QuoteAnother great example is IT's sample compression format, which significantly reduces the size of samples in IT files, however putting such a compressed sample in a ZIP file will still yield a smaller file than just zipping the original, uncompressed sample.
Somebody agrees with me! :D

Quote from: Saga Musix on March 12, 2015, 19:07:27
Eventually we'll need a completely new MPTM format anyway, but whether that will be completely compressed or not remains to be seen.

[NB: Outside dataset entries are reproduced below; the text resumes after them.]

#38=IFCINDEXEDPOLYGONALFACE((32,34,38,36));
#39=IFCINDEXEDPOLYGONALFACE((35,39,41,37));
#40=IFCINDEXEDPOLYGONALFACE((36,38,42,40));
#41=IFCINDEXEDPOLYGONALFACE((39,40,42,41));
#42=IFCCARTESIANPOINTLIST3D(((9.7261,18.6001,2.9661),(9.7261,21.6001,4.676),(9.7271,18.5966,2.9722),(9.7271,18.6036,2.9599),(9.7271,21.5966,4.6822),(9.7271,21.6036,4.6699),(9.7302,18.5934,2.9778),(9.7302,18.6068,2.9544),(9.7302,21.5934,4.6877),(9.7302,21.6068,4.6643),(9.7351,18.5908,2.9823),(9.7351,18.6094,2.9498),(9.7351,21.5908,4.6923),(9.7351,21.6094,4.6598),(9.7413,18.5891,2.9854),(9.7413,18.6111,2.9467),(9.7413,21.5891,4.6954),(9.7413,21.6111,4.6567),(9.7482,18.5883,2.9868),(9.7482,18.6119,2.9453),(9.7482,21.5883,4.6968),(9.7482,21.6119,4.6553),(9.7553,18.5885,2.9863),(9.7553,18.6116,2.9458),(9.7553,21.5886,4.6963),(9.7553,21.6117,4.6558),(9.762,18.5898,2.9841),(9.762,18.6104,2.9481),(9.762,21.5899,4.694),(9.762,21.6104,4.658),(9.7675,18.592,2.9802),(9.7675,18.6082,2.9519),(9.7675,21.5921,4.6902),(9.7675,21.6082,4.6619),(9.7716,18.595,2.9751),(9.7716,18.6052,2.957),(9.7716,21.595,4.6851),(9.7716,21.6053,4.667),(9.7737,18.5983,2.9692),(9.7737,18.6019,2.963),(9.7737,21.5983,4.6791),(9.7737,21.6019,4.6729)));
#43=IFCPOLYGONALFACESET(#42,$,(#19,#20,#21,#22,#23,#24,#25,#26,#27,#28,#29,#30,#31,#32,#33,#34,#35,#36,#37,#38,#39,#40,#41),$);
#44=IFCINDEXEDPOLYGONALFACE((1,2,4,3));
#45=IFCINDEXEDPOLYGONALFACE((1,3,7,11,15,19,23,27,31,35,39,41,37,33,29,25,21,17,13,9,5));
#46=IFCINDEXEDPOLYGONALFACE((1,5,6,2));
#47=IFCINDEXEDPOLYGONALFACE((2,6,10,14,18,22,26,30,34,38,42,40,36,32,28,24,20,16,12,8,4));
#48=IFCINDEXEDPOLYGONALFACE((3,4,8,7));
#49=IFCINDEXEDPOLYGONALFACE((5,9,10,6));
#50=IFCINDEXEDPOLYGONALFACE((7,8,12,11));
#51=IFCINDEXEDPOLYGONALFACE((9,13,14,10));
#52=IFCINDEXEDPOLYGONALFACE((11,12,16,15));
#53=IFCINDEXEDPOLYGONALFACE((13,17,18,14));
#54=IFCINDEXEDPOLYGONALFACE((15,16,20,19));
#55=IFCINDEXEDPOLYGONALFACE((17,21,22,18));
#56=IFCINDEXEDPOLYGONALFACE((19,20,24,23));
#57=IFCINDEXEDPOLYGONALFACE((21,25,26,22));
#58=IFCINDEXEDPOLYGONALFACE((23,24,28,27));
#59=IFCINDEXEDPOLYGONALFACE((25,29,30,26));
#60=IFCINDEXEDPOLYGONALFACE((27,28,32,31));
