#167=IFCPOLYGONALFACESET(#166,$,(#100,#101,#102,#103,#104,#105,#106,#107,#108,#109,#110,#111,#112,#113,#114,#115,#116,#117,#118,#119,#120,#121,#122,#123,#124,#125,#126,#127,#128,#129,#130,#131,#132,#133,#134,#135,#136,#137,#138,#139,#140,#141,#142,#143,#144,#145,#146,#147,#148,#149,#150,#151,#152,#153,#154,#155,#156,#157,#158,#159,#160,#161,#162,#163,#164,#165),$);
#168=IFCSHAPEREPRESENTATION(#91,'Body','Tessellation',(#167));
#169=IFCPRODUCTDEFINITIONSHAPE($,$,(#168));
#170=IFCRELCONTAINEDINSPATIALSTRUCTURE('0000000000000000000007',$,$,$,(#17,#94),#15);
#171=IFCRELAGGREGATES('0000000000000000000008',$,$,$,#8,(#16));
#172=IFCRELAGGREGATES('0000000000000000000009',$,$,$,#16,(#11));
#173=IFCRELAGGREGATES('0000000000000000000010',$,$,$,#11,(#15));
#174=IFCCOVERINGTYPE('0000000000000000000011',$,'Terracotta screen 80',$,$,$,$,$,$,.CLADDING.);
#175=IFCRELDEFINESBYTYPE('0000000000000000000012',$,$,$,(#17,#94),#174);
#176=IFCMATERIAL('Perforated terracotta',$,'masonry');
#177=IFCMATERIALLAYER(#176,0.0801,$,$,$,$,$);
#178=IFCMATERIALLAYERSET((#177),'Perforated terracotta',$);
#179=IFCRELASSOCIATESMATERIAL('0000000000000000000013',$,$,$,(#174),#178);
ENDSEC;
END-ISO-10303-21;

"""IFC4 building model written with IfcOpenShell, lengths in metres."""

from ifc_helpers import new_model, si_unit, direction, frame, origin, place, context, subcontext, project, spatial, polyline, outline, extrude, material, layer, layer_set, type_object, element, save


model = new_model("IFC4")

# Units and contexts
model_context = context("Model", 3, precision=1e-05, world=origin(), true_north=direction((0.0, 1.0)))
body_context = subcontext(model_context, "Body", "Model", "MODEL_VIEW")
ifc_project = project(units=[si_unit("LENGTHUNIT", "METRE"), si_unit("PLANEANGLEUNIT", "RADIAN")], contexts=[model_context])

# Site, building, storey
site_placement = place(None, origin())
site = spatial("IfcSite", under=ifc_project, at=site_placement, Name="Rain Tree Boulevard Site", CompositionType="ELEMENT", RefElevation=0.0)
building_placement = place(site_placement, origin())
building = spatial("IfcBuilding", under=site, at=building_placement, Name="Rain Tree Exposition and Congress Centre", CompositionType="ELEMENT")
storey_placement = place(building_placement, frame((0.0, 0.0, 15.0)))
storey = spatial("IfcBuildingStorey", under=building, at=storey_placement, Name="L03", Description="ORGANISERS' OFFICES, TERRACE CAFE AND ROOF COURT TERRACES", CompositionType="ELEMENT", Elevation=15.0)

On that subject, you could probably do an XML-based format with an MPX or MPTX extension (maybe with extremely extensive metadata), sorta like how MS Word 2007 uses DOCX as opposed to DOC.

Saga Musix

#7
Quote from: Kitsune_Phoenix on March 12, 2015, 22:55:28
On that subject, you could probably do an XML-based format with an MPX or MPTX extension (maybe with extremely extensive metadata), sorta like how MS Word 2007 uses DOCX as opposed to DOC.
I've gone that road and I won't go it again. Honestly, if it's going to be text-based, then I'd rather use something more compact like JSON, maybe. JSON vs XML is another good example for my previous post, btw - XML contains a lot of unnecessary redundancy which just bloats the file, and it also bloats the compressed result. In the explanation above, you can think of converting XML to JSON as a pre-processing step which then results in data which is still smaller than just compressing the XML data.
» No support, bug reports, feature requests via private messages - they will not be answered. Use the forums and the issue tracker so that everyone can benefit from your post.

Kitsune_Phoenix

I've... never actually heard of JSON before.

arseniiv

There is also some 'half-text half-binary' format named Bencode originally used in BitTorrent. Maybe it's worth mentioning. Bencoded data can be smaller than JSONed one (and be parsed/rendered quicker, I suppose), but JSON is more readable (does readability matter for a module format? :-\ ).
Feel free to correct my English.
Music & sounds: [Freesound] [SoundCloud] [Direct links to music]

Saga Musix

Well, some people seem to argue that human-readable formats are easier for them to parse etc... I personally don't really think that it's necessary, since binary formats can be easy to parse as well (especially if they follow some standardized formatting that is available to many platforms, such as Google's protobuf). I'd rather have a binary format that's fast to load than a text format.
» No support, bug reports, feature requests via private messages - they will not be answered. Use the forums and the issue tracker so that everyone can benefit from your post.

arseniiv

#11
Speaking of protobuf, which I hadn't known before I've finished reading the topic you linked here, it seems it's far better a route than Bencode... The former is a complete framework! :D
Feel free to correct my English.
Music & sounds: [Freesound] [SoundCloud] [Direct links to music]

Saga Musix

It's a good and a bad thing. Good because it makes 3rd party code for manipulating the resulting files easier. Bad because libopenmpt doesn't really have any third-party dependencies (apart from zlib for extracting J2B files) and it should stay that way. It's a difficult matter, and that's one of the reasons why MPTM is still a bastardized IT variant.
» No support, bug reports, feature requests via private messages - they will not be answered. Use the forums and the issue tracker so that everyone can benefit from your post.

arseniiv

Ah, definitely. I just forgot about libopenmpt...
Feel free to correct my English.
Music & sounds: [Freesound] [SoundCloud] [Direct links to music]

Kitsune_Phoenix

Quote from: Saga Musix on March 16, 2015, 13:43:52
It's a good and a bad thing. Good because it makes 3rd party code for manipulating the resulting files easier. Bad because libopenmpt doesn't really have any third-party dependencies (apart from zlib for extracting J2B files) and it should stay that way. It's a difficult matter, and that's one of the reasons why MPTM is still a bastardized IT variant.
A tower of ducttape, sorta like Windows, the GBA Metroid games, and the Source engine. *giggles*

Back on topic, when you eventually create the new format, what should the file extension be?